Which industries are best set for ecommerce around the world?
Online grocery shopping is the vertical that’s seen the most explosive growth. The U.S and Canada have seen the greatest increase in ecommerce demand, as major platforms, notably Amazon, look to secure their cut of this demand. Interestingly, in the U.S, grocery subscriptions (32%) are slightly more popular than music streaming (28%).
Between Q3 2019 and Q2 2020, the percentage of internet users who have purchased grocery items online in Europe has steadily increased from 20% to 24%; a small, but statistically significant increase. In the U.S. and Canada this is even greater, growing from 21% to 31%.
Meanwhile, the Amazon boom continues.
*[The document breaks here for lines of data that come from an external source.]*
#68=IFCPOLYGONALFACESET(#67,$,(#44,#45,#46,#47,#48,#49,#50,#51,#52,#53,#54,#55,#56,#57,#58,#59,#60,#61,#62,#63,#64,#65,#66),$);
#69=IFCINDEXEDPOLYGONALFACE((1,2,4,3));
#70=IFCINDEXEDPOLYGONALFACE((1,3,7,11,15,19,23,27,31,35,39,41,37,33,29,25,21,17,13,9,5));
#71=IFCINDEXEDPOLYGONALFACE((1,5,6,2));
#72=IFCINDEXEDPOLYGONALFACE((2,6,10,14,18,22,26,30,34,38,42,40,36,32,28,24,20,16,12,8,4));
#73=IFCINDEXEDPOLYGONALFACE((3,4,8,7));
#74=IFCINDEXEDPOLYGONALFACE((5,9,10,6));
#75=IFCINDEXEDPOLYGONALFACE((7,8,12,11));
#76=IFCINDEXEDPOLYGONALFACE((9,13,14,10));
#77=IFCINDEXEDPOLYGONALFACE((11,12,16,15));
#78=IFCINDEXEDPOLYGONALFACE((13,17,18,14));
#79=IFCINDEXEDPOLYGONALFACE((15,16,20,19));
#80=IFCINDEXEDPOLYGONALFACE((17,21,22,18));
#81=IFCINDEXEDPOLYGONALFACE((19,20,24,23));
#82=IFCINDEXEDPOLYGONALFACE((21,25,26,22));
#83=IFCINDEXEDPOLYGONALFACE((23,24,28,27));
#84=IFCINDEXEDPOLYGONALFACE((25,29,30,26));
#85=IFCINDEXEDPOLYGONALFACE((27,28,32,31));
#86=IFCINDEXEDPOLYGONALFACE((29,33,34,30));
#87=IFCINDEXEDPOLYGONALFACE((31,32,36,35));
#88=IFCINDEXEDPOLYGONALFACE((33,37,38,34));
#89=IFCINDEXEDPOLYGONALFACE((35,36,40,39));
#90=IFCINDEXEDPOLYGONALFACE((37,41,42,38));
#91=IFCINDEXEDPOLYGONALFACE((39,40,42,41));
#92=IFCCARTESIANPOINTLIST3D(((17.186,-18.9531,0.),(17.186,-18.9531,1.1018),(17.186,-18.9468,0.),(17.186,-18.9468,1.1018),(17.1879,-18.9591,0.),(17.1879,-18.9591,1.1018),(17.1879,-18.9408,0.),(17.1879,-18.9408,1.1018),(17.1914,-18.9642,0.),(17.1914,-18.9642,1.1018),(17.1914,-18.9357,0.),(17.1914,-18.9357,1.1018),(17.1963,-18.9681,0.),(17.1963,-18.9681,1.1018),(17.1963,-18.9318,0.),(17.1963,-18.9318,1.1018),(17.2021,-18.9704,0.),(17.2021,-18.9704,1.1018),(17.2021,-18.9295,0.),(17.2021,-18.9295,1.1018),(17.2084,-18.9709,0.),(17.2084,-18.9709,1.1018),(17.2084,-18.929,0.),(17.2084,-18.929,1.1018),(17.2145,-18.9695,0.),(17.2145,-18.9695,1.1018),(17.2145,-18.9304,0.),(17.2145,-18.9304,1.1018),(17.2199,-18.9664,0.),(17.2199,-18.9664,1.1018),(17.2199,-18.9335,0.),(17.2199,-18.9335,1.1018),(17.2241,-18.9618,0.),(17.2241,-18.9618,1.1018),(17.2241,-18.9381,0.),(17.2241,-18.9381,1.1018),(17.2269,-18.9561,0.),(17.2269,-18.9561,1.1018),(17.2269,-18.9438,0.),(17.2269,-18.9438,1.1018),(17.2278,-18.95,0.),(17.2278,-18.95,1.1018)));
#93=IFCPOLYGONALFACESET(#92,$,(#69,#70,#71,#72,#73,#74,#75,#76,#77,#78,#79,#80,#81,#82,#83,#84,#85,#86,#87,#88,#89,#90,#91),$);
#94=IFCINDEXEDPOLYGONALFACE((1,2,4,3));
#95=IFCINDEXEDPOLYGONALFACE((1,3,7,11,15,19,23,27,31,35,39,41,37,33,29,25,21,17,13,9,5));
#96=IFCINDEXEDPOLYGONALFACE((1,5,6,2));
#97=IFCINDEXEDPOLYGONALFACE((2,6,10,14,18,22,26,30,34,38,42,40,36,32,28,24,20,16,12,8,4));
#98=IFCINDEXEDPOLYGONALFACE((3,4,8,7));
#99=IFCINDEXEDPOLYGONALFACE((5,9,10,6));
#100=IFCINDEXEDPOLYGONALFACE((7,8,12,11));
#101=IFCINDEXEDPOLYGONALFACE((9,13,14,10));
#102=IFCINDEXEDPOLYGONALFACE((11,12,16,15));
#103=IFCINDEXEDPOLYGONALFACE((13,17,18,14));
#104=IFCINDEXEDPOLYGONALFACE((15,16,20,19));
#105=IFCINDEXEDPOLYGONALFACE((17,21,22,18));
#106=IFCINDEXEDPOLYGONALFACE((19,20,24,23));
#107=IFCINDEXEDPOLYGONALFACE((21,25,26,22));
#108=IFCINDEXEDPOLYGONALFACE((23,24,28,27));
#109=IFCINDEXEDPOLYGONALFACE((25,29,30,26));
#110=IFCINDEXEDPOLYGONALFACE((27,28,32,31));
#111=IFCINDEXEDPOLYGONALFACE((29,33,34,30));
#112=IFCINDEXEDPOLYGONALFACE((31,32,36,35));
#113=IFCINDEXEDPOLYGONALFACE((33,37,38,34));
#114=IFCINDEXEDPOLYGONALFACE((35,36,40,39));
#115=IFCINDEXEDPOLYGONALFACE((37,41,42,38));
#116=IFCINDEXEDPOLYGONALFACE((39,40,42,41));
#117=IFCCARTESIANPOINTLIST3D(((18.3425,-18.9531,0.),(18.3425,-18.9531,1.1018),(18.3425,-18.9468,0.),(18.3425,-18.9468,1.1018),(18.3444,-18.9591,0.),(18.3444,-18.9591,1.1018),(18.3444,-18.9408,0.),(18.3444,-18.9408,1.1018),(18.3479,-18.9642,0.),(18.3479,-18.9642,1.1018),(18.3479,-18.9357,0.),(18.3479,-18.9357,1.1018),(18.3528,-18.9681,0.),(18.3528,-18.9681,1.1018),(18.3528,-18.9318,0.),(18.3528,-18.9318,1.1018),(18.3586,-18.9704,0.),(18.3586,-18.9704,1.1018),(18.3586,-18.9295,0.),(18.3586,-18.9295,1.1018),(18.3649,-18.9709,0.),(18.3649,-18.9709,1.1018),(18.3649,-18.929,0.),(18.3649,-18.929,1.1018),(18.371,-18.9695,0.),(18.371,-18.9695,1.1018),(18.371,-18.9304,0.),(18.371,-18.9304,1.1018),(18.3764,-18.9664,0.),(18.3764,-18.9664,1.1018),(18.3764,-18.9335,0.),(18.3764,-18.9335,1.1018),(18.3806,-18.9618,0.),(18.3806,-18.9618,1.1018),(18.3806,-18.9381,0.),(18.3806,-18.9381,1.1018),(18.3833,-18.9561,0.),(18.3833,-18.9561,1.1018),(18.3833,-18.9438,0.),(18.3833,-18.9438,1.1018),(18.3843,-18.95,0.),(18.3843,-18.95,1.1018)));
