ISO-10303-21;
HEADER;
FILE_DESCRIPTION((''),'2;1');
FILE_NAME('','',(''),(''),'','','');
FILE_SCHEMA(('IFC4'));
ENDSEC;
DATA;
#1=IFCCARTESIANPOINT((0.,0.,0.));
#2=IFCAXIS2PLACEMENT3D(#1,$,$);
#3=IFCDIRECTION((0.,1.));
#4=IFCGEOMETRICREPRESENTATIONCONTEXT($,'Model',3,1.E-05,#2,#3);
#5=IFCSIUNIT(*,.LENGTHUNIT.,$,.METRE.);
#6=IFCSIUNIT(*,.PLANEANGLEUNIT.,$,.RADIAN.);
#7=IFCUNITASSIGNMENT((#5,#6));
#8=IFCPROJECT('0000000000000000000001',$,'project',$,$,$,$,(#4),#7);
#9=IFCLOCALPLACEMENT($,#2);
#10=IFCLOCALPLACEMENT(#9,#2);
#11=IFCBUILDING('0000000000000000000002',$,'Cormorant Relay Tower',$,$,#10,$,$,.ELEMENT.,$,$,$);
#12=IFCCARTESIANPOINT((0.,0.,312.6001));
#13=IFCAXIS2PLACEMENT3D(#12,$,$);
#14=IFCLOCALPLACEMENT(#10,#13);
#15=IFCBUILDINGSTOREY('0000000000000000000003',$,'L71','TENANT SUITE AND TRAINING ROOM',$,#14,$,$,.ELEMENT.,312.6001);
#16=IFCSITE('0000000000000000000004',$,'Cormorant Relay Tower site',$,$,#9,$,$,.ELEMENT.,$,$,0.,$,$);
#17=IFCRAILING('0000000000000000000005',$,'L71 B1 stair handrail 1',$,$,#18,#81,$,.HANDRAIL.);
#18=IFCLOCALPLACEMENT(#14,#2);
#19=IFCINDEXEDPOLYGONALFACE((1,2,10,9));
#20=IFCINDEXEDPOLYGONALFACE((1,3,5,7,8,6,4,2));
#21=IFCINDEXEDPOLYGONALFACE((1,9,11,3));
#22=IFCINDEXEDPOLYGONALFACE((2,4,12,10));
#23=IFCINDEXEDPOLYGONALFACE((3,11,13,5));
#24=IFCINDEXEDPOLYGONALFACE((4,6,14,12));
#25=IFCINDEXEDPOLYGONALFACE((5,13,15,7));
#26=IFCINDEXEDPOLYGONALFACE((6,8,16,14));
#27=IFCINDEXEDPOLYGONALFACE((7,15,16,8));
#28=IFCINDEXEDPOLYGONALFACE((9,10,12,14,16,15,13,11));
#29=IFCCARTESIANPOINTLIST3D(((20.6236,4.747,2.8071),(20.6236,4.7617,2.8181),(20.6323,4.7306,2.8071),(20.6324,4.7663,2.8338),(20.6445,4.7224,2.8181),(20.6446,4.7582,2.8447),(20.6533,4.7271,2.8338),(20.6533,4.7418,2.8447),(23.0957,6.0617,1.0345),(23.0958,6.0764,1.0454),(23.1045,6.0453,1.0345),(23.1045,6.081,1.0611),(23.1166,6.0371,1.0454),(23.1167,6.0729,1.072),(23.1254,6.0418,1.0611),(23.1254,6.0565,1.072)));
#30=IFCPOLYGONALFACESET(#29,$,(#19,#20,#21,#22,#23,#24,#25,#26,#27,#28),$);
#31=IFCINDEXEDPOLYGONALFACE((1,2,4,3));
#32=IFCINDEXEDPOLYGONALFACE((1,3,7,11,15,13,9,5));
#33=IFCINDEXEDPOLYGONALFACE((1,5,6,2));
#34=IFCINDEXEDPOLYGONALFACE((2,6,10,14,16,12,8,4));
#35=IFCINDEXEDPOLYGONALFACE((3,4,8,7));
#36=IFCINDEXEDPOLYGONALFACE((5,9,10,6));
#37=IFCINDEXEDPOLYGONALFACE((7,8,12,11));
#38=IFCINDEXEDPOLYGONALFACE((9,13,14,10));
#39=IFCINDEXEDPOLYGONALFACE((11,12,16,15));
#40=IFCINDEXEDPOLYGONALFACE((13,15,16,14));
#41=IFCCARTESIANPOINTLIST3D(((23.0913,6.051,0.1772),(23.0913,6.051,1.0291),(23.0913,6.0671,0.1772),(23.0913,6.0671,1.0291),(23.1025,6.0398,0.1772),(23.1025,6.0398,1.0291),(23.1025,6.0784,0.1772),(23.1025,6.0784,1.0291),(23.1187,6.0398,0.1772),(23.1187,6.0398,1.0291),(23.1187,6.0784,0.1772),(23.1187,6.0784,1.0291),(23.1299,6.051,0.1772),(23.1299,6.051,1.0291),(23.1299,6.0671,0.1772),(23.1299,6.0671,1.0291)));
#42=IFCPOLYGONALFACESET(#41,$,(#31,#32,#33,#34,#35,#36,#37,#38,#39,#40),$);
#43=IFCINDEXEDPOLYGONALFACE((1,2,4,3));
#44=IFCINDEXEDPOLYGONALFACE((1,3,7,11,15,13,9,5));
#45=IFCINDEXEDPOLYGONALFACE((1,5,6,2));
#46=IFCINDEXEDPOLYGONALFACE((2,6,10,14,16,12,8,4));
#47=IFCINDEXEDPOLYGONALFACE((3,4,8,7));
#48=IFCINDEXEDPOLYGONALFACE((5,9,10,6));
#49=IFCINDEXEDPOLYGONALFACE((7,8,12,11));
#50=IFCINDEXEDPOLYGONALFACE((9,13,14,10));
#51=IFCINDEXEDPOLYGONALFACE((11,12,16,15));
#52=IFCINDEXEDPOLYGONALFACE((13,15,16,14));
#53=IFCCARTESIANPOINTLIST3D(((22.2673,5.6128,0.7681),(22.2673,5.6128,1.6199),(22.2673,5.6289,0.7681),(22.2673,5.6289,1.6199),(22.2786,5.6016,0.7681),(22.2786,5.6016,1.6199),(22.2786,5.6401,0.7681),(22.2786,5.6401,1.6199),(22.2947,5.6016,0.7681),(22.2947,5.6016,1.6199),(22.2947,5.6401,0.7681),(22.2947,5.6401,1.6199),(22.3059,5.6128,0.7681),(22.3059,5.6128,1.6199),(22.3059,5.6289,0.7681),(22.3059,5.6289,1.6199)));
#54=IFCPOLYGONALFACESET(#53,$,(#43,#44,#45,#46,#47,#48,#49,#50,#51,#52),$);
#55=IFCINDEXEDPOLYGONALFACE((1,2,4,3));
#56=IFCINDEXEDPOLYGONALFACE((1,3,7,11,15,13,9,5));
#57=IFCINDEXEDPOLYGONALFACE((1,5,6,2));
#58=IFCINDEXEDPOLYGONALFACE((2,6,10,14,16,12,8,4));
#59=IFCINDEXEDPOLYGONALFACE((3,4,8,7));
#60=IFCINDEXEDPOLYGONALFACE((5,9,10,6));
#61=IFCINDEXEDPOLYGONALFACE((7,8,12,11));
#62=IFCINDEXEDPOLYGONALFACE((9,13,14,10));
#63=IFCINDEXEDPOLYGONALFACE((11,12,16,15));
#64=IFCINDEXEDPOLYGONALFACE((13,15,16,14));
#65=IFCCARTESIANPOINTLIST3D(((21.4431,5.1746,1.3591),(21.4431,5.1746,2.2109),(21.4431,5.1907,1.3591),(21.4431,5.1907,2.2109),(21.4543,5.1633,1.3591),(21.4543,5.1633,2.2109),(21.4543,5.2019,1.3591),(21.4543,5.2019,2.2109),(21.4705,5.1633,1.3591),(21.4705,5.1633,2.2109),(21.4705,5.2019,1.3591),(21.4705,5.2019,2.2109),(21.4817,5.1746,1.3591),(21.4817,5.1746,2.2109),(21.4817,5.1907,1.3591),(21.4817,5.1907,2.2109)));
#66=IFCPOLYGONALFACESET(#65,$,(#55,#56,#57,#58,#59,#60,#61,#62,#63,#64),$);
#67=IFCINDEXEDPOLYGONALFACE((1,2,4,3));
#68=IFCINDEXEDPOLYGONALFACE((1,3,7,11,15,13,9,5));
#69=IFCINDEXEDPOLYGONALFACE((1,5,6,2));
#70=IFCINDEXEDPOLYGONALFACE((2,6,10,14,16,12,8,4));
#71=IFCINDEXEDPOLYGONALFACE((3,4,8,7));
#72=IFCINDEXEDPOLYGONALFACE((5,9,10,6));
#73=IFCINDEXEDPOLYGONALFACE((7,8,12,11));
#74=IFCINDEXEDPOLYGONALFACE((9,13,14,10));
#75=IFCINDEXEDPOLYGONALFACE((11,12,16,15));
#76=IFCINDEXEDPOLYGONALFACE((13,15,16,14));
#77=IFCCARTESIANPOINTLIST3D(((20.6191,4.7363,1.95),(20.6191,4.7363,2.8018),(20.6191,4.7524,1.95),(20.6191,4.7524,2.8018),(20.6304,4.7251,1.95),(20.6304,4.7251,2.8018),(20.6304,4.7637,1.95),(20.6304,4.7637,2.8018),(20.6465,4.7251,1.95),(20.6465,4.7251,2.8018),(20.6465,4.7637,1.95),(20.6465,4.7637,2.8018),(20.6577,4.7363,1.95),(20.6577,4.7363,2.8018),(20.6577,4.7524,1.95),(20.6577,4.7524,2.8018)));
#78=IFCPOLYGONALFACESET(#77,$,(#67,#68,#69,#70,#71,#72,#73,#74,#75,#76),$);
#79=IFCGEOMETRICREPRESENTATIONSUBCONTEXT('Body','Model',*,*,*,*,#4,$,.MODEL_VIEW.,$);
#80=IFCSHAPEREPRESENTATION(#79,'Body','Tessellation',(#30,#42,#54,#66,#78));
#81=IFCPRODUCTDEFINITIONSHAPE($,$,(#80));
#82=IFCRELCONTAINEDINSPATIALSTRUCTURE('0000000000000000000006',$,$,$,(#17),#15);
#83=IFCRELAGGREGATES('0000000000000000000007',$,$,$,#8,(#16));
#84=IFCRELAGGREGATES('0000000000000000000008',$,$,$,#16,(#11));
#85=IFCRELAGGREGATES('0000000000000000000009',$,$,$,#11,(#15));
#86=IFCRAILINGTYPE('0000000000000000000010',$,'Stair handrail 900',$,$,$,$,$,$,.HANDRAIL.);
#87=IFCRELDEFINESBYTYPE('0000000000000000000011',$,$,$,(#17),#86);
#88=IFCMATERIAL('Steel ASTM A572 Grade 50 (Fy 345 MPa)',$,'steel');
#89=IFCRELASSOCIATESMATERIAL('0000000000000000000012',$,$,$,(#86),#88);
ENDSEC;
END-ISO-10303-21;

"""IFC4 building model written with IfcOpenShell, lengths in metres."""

from ifc_helpers import new_model, si_unit, direction, frame, origin, place, context, subcontext, project, spatial, polyline, outline, extrude, material, type_object, element, save


model = new_model("IFC4")

# Units and contexts
model_context = context("Model", 3, precision=1e-05, world=origin(), true_north=direction((0.0, 1.0)))
body_context = subcontext(model_context, "Body", "Model", "MODEL_VIEW")
ifc_project = project(units=[si_unit("LENGTHUNIT", "METRE"), si_unit("PLANEANGLEUNIT", "RADIAN")], contexts=[model_context])

# Site, building, storey
site_placement = place(None, origin())
site = spatial("IfcSite", under=ifc_project, at=site_placement, Name="Cormorant Relay Tower site", CompositionType="ELEMENT", RefElevation=0.0)
building_placement = place(site_placement, origin())
building = spatial("IfcBuilding", under=site, at=building_placement, Name="Cormorant Relay Tower", CompositionType="ELEMENT")
storey_placement = place(building_placement, frame((0.0, 0.0, 312.6001)))
storey = spatial("IfcBuildingStorey", under=building, at=storey_placement, Name="L71", Description="TENANT SUITE AND TRAINING ROOM", CompositionType="ELEMENT", Elevation=312.6001)

# Railing
ifc_material_1 = material(Name="Steel ASTM A572 Grade 50 (Fy 345 MPa)", Category="steel")
railing_type = type_object("IfcRailingType", Name="Stair handrail 900", PredefinedType="HANDRAIL", material=ifc_material_1)
railing_placement = place(storey_placement, frame((23.1106, 6.0591, 0.1772)))
element("IfcRailing", 1, at=railing_placement, inside=storey, type_object=railing_type, Name="L71 B1 stair handrail 1", PredefinedType="HANDRAIL", context=body_context, shape_type="SweptSolid", body=[
    extrude(outline(polyline([(0.0222, 0.0093), (0.0093, 0.0222), (-0.0093, 0.0222), (-0.0222, 0.0093), (-0.0222, -0.0093), (-0.0093, -0.0222), (0.0093, -0.0222), (0.0222, -0.0093), (0.0222, 0.0093)])), frame((0.0, 0.0, 0.876), z_axis=(-0.745979, -0.396711, 0.534916), x_axis=(0.469533, -0.882915, 0.0)), (0.0, 0.0, 1.0), 3.314),
    extrude(outline(polyline([(0.0193, 0.0081), (0.0081, 0.0193), (-0.0081, 0.0193), (-0.0193, 0.0081), (-0.0193, -0.0081), (-0.0081, -0.0193), (0.0081, -0.0193), (0.0193, -0.0081), (0.0193, 0.0081)])), origin(), (0.0, 0.0, 1.0), 0.8518),
    extrude(outline(polyline([(0.0193, 0.0081), (0.0081, 0.0193), (-0.0081, 0.0193), (-0.0193, 0.0081), (-0.0193, -0.0081), (-0.0081, -0.0193), (0.0081, -0.0193), (0.0193, -0.0081), (0.0193, 0.0081)])), frame((-0.824, -0.4382, 0.5908)), (0.0, 0.0, 1.0), 0.8518),
    extrude(outline(polyline([(0.0193, 0.0081), (0.0081, 0.0193), (-0.0081, 0.0193), (-0.0193, 0.0081), (-0.0193, -0.0081), (-0.0081, -0.0193), (0.0081, -0.0193), (0.0193, -0.0081), (0.0193, 0.0081)])), frame((-1.6482, -0.8765, 1.1819)), (0.0, 0.0, 1.0), 0.8518),
    extrude(outline(polyline([(0.0193, 0.0081), (0.0081, 0.0193), (-0.0081, 0.0193), (-0.0193, 0.0081), (-0.0193, -0.0081), (-0.0081, -0.0193), (0.0081, -0.0193), (0.0193, -0.0081), (0.0193, 0.0081)])), frame((-2.4722, -1.3147, 1.7727)), (0.0, 0.0, 1.0), 0.8518),
])

save(model, "model.ifc")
Over half (52%) of UK internet users have used the Amazon app in the last month, making it the most used app out of the 26 tracked by GWI.
With 44% of global consumers very or extremely concerned about a second wave and the same percentage expecting the outbreak to last longer than a year, Amazon is positioning itself for the near future through eye-watering aggressive investment in COVID-19 measures – no other company has the capital and investment available to do this on such a huge scale.
Chase Buckle, Trends Manager at GlobalWebIndex said: “It has been over a year since Amazon eclipsed Walmart as the biggest retailer in the world. It should come as no surprise then that of the 46 markets tracked by GlobalWebIndex, it’s the top commerce app used in 21 of these markets. Having said this, there are clear market differences – especially when looking at China, which has such a unique ecommerce landscape. The top apps there are Alipay (47%), Taobao (44%), and Tmall (36%). Similarly in Latin America, MercadoLibre is the clear market leader at 45%, followed by Amazon at 30%.”